Avec le règne personnel de Louis XIV commence pour la poésie française un long déclin, qui dure unsiècle et demi. À part le miracle racinien, qui d’ailleurs n’a pas eu d’équivalent en poésie, seul La Fontaine retrouve la source claire d’un poète ou d’un conteur, dans la tradition latine ou italienne, par ses fables. Pour le reste des poètes, ils sont incapables de quitter les sentiers battus. Et pourtant, il y a encore un autre nom qui brille dans la poésie, surtout pour son oeuvre capitale, l’Art poétique dont l’intention est d’établir par une théorie docte les règles de la composition d’une oeuvre littéraire en vers.
Nicolas Boileau Despréaux est né en 1636. Grâce à l’héritage de son père il peut suivre la voie de sa vocation vers la littérature. Il s’affirme rapidement, par son talent satirique. Il publiera douze satires, entre 1666 et 1705, dont plusieurs abordent des sujets littéraires.
Le poète, qui fréquente les cabarets littéraires et les cercles libertins, se fait introduire aussi dans des salons et commence, vers 1669, à rédiger son oeuvre maîtresse, l’Art poétique, dont il lit en public des fragments ?. Madame de Sévigné signale une de ces lectures en 1672 et une autre en 1673.
L’Art poétique de Boileau n’est pas une oeuvre originale que par la manière de l’expression poétique, car les idées appartiennent à des théoriciens et grands maîtres de la poésie, que Boileau avait étudiés. On y rencontre des idées appartenant à Aristote, à Quintilien, à Longin et surtout à Horace, sans pouvoir nier les influences des traités de poésie du XVI-e siècle et les théories et exemples de ses contemporains et amis.
Paru en 1674, l’Art poétique est une oeuvre de vulgarisation, dont la vocation est de répandre dans le grand public les théories « doctes » et le message critique de l’auteur.
La construction rigoureuse et symétrique de l’ouvrage comprend des chapitres que l’auteur appelle chants, d’après la tradition des Anciens.
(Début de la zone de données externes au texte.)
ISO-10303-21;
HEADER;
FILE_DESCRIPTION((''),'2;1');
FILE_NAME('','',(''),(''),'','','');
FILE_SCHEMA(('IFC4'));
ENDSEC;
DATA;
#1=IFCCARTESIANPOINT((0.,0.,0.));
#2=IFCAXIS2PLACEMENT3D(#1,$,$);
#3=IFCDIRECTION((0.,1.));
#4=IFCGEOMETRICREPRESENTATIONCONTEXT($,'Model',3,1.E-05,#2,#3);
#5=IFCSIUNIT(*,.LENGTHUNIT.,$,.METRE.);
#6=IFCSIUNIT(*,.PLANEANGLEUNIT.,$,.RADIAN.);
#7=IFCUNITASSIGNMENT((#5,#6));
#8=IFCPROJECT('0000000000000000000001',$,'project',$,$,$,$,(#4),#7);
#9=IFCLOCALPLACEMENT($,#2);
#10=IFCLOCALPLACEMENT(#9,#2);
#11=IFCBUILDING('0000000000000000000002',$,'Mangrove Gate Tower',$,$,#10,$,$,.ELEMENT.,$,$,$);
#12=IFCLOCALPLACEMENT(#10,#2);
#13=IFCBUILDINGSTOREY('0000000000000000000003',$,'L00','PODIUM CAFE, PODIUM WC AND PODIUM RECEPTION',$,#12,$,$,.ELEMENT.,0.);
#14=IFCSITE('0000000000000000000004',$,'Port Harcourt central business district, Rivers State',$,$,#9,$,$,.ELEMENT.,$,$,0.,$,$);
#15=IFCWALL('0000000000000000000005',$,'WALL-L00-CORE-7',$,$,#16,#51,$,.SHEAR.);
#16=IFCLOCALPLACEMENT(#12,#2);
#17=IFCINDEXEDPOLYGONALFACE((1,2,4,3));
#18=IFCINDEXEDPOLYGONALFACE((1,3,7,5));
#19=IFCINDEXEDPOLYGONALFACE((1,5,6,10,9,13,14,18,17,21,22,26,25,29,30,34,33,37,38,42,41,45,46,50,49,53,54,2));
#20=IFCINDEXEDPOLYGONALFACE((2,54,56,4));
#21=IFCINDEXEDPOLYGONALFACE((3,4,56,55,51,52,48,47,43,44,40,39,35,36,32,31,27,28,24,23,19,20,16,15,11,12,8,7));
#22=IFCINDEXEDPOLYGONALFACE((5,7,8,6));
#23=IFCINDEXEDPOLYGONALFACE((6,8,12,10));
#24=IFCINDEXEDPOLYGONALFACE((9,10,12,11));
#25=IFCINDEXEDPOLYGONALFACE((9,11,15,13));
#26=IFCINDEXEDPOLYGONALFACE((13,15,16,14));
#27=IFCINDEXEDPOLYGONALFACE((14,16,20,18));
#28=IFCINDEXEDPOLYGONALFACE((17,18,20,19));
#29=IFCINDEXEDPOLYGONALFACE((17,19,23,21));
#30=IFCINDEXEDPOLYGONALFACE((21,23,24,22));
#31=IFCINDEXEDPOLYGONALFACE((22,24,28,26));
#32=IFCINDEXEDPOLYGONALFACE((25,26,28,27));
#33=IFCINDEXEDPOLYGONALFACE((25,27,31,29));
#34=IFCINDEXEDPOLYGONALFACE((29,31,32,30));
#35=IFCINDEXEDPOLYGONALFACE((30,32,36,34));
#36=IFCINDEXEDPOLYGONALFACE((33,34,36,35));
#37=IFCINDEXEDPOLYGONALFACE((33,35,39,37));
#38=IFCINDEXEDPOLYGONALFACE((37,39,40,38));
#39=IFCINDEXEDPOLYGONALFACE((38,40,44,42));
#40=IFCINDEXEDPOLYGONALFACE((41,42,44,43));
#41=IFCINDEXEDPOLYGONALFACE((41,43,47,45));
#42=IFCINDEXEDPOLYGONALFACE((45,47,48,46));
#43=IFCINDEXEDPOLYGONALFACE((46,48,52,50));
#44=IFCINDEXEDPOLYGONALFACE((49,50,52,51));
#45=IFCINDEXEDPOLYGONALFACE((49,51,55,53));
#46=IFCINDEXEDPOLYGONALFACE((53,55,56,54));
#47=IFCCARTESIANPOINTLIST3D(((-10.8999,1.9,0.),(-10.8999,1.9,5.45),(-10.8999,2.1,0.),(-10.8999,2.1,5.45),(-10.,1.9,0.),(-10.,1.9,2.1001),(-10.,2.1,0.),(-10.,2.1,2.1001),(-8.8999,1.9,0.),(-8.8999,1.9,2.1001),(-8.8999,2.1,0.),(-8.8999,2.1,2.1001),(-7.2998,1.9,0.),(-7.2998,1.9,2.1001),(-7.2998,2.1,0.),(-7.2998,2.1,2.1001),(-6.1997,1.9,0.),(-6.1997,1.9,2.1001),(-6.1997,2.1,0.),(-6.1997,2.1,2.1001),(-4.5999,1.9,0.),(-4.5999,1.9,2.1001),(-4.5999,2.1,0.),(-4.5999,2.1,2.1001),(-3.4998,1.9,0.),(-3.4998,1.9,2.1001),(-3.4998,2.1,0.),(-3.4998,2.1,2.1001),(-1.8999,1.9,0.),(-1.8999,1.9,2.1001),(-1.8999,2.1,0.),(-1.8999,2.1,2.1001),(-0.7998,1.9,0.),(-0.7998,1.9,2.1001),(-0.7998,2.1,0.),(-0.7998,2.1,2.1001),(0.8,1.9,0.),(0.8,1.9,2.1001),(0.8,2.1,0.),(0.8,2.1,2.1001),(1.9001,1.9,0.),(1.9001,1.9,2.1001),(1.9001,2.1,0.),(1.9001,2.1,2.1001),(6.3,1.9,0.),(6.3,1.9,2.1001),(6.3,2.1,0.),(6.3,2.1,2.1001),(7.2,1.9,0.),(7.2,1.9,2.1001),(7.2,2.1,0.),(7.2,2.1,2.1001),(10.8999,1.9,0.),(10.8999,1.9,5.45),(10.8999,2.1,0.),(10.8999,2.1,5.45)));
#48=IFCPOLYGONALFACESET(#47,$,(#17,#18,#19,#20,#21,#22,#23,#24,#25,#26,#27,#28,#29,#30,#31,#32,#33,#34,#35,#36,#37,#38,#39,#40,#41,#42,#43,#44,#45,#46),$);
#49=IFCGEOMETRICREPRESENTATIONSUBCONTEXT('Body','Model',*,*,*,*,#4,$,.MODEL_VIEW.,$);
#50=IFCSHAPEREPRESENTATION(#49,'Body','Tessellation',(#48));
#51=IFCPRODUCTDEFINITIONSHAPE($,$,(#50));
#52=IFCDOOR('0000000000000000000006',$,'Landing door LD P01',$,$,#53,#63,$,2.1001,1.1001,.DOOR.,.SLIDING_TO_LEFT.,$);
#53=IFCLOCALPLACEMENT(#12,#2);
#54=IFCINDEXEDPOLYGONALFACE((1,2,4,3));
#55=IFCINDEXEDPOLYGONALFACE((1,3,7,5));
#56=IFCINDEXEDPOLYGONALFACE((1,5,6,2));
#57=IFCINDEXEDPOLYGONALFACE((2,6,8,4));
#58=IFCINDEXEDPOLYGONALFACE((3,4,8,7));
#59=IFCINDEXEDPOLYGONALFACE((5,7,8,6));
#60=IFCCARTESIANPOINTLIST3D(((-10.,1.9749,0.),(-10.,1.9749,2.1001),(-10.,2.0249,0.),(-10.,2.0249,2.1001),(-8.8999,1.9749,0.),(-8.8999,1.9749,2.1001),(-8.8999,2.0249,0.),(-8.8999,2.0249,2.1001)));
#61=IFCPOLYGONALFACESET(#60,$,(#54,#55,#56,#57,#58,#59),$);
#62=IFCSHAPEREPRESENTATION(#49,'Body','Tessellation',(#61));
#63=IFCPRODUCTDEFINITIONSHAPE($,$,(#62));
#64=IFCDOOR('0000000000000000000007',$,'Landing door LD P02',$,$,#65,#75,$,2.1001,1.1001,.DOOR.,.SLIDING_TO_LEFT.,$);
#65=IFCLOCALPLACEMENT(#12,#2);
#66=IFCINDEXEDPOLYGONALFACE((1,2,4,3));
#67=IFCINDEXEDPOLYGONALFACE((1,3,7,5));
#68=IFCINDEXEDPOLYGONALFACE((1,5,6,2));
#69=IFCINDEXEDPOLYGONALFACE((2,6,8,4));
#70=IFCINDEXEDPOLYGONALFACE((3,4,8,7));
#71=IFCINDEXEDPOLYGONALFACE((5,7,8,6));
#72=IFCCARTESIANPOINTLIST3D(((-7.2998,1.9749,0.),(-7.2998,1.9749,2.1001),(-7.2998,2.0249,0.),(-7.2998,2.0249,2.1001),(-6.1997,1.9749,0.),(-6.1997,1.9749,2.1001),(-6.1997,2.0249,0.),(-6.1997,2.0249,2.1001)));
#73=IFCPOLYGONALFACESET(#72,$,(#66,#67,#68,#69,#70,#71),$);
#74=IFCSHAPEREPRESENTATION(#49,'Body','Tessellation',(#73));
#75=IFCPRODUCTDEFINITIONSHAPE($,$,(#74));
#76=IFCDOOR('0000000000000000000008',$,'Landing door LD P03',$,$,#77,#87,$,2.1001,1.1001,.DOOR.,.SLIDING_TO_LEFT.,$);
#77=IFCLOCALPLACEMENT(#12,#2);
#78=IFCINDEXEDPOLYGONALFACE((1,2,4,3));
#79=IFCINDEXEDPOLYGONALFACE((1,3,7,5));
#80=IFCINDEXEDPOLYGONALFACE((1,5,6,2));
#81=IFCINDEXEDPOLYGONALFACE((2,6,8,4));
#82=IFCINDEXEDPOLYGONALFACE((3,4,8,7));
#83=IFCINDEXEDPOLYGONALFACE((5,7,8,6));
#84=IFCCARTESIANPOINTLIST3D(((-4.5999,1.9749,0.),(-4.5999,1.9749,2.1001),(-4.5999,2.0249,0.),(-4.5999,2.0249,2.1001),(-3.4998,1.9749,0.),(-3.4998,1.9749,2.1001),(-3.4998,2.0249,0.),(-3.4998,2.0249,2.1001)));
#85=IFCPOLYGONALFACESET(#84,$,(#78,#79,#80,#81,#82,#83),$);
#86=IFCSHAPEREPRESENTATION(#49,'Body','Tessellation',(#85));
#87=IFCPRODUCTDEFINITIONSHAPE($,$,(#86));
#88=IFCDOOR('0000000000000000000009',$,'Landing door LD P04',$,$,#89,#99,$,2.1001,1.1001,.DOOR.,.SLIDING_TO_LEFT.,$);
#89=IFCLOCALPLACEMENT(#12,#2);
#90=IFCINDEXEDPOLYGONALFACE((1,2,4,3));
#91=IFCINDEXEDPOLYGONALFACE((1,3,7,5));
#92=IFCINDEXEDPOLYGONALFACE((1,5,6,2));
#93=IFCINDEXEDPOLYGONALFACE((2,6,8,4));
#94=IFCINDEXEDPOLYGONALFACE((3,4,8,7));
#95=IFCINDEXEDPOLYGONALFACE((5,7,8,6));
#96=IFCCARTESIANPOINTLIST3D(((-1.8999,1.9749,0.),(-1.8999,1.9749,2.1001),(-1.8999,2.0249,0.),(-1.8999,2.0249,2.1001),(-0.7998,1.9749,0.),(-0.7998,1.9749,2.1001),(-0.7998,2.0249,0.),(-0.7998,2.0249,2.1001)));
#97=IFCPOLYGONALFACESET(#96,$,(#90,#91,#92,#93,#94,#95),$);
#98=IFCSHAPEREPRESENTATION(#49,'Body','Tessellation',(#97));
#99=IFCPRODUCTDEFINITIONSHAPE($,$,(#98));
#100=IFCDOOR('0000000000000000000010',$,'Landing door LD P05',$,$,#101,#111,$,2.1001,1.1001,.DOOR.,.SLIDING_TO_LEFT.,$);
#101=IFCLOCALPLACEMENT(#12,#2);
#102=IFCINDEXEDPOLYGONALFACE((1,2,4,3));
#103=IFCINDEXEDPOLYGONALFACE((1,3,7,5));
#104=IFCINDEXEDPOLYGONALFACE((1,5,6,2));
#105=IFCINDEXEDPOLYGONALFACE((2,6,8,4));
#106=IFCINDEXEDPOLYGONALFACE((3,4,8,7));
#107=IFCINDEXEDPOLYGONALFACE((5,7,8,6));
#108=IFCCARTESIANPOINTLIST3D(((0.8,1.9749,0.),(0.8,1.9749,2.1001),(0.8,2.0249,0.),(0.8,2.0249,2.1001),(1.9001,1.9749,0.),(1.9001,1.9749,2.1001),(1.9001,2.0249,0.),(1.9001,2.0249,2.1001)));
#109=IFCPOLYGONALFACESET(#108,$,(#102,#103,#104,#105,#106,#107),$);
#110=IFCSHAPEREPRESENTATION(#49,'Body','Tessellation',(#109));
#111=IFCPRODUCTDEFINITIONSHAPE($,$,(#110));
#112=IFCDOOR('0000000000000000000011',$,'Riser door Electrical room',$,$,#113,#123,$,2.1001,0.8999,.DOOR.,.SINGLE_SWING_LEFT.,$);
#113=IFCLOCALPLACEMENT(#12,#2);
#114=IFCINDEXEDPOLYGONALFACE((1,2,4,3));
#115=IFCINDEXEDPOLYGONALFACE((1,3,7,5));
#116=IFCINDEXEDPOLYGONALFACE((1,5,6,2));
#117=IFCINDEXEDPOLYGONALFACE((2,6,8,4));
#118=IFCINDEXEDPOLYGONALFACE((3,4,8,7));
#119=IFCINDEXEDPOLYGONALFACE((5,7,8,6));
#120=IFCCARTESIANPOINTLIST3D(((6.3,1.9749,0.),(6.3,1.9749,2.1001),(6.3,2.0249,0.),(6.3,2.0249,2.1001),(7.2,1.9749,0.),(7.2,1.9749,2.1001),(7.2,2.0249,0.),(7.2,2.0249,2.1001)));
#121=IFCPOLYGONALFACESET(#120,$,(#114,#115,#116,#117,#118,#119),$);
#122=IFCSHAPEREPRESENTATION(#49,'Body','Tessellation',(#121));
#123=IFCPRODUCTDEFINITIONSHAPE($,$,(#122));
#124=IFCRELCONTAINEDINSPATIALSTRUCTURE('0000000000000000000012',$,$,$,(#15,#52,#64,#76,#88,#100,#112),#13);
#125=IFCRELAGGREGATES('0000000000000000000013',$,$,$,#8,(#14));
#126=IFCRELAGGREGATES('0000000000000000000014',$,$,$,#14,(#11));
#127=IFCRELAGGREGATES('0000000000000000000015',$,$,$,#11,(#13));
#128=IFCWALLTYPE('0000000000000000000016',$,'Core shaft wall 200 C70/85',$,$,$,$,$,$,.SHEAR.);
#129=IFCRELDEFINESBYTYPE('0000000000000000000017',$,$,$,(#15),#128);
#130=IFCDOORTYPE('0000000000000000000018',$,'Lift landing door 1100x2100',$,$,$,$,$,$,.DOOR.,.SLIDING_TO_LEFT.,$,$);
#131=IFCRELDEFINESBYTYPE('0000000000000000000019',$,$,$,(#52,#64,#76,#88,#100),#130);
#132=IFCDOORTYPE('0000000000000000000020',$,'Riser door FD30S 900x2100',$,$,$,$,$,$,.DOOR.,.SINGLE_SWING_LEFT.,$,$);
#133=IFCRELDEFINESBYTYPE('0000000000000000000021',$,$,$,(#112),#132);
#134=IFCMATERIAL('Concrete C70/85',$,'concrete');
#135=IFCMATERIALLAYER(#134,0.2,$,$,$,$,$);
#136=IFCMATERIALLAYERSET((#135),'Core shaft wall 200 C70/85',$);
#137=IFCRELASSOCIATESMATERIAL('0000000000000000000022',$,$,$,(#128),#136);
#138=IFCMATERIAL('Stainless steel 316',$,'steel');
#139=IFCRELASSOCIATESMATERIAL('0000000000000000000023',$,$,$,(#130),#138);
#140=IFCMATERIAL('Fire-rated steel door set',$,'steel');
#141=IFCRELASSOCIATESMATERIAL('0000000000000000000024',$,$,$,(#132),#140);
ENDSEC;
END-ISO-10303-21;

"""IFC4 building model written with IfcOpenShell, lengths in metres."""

from ifc_helpers import new_model, si_unit, direction, frame, frame_2d, origin, place, context, subcontext, project, spatial, rectangle, extrude, material, layer, layer_set, type_object, element, fill, save


model = new_model("IFC4")

# Units and contexts
model_context = context("Model", 3, precision=1e-05, world=origin(), true_north=direction((0.0, 1.0)))
body_context = subcontext(model_context, "Body", "Model", "MODEL_VIEW")
ifc_project = project(units=[si_unit("LENGTHUNIT", "METRE"), si_unit("PLANEANGLEUNIT", "RADIAN")], contexts=[model_context])

# Site, building, storey
site_placement = place(None, origin())
site = spatial("IfcSite", under=ifc_project, at=site_placement, Name="Port Harcourt central business district, Rivers State", CompositionType="ELEMENT", RefElevation=0.0)
building_placement = place(site_placement, origin())
building = spatial("IfcBuilding", under=site, at=building_placement, Name="Mangrove Gate Tower", CompositionType="ELEMENT")
storey_placement = place(building_placement, origin())
storey = spatial("IfcBuildingStorey", under=building, at=storey_placement, Name="L00", Description="PODIUM CAFE, PODIUM WC AND PODIUM RECEPTION", CompositionType="ELEMENT", Elevation=0.0)

# Shared definitions
ifc_material_1 = material(Name="Concrete C70/85", Category="concrete")
ifc_layer = layer(ifc_material_1, 0.2)
ifc_layer_set = layer_set([ifc_layer], Name="Core shaft wall 200 C70/85")
wall_type = type_object("IfcWallType", Name="Core shaft wall 200 C70/85", PredefinedType="SHEAR", material=ifc_layer_set)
« Le Chant I présente les préceptes généraux, valables pour tous les genres :
- nécessité de l’inspiration ;
- nécessité pour le poète de connaître sa vocation particulière ;
- accord de la rime et de la raison ;
- le poète doit éviter la préciosité, l’emphase, le burlesque ;
- Boileau présente les lois de la versification ;
- Boileau affirme tout haut et sans aucune prudence ce qu’il admire et ce qu’il n’admire pas, et en donne les raisons ;
- courte histoire de la poésie en France jusqu’à Malherbe ;
- influence de Malherbe ;
- qualités nécessaires pour atteindre la perfection ;
- être clair et correcte ;
- travailler lentement ;
- composer logiquement ;
- accepter la critique.

Le Chant II :
- Les genres secondaires : l’idyle, l’élégie, l’ode, le sonnet, l’épigramme, le rondeau, le madrigal, la ballade, la satire, le vaudeville, la chanson.

Le Chant III :
- Les grands genres : la tragédie, ses règles, son histoire ;
- les défauts qu’elle doit éviter ;
- les qualités qu’elle doit rechercher ;
- l’épopée, sa définition ;
- le merveilleux païen et le merveilleux chrétien ;
- les règles de l’épopée ;
- la comédie, son histoire, son domaine ;
- jugement sur Molière et Térence ;
- en quoi le comique diffère du tragique et de la farce.

Le Chant IV :
- Conseils de bon sens et de moralité ;
- la poésie ne supporte ni médiocrité, ni esprit de flatterie ;
- la poésie doit accepter la critique ;
- un bon écrivain doit être vertueux, sociable, désintéressé ;
- la générosité du roi ne laisse pas le talent dans la misère ;
- éloge du roi ;
- conclusion modeste et digne de Boileau. »* [*Boileau Le Lutrin. L’Art poétique, classiques Larousse, 1933, p.63]
Le XVIII-e siècle a admiré l’Art poétique, mais le romantisme a violemment dénoncé les limites de l’ouvrage.
On a défini Boileau comme « le porte-parole de la conscience du classicisme ». Ses idées, déjà exposées dans les Epîtres, sont détaillées dans l’Art poétique :
« a)- La raison et la nature.
Dans ses ouvrages Discours de la méthode et traité des passions, Descartes avait établi de façon définitive la prééminence de la volonté et de la raison sur las passions ; Boileau admet les conclusions de Descartes comme in dogme : si la dignité de l’homme consiste dans la pensée, dont le but est la vérité, le culte du vrai doit être le principe fondamental de l’oeuvre littéraire. L’expression de la pensée doit satisfaire la raison et atteindre la vérité, seule forme acceptable de la beauté. Or, la vérité, c’est aussi la nature, le fond humain qbsolu, constant, universel. Il faut dunc proscrire le faux, le burlesque, le précieux, l’emphatique, tuot ce qui risque d’obscurcir ou de détourner le caractèer pur de l’art.
Cet idéal exige une conception élevée de l’art et une valeur morale indiscutable de l’artiste.

b)- Domaine de l’art.
La doctrine de Boileau donne comme matière à l’activité créatrice du poète tout ce qui peut plaire à la soiété : le sublime, le réel (quand il n’estpas trop bas) ; l’analyse du coeur humain, quand elle lui permet de peinder des types universels. Il faut éviter l’individuel et l’extraordinaire, qui sont hors de la nature et de la vérité. Ainsi, l’art dramatique n’aura pas besoin de se fonder sur l’histoire, qui n’exprime jamais que le transitoire et le particulier. L’art cherchera sa justification dans le plaisir de plaire. Seule la nature est plaisante, à condition de ne tomber ni dans la fantaisie, ni dans la sensiblerie.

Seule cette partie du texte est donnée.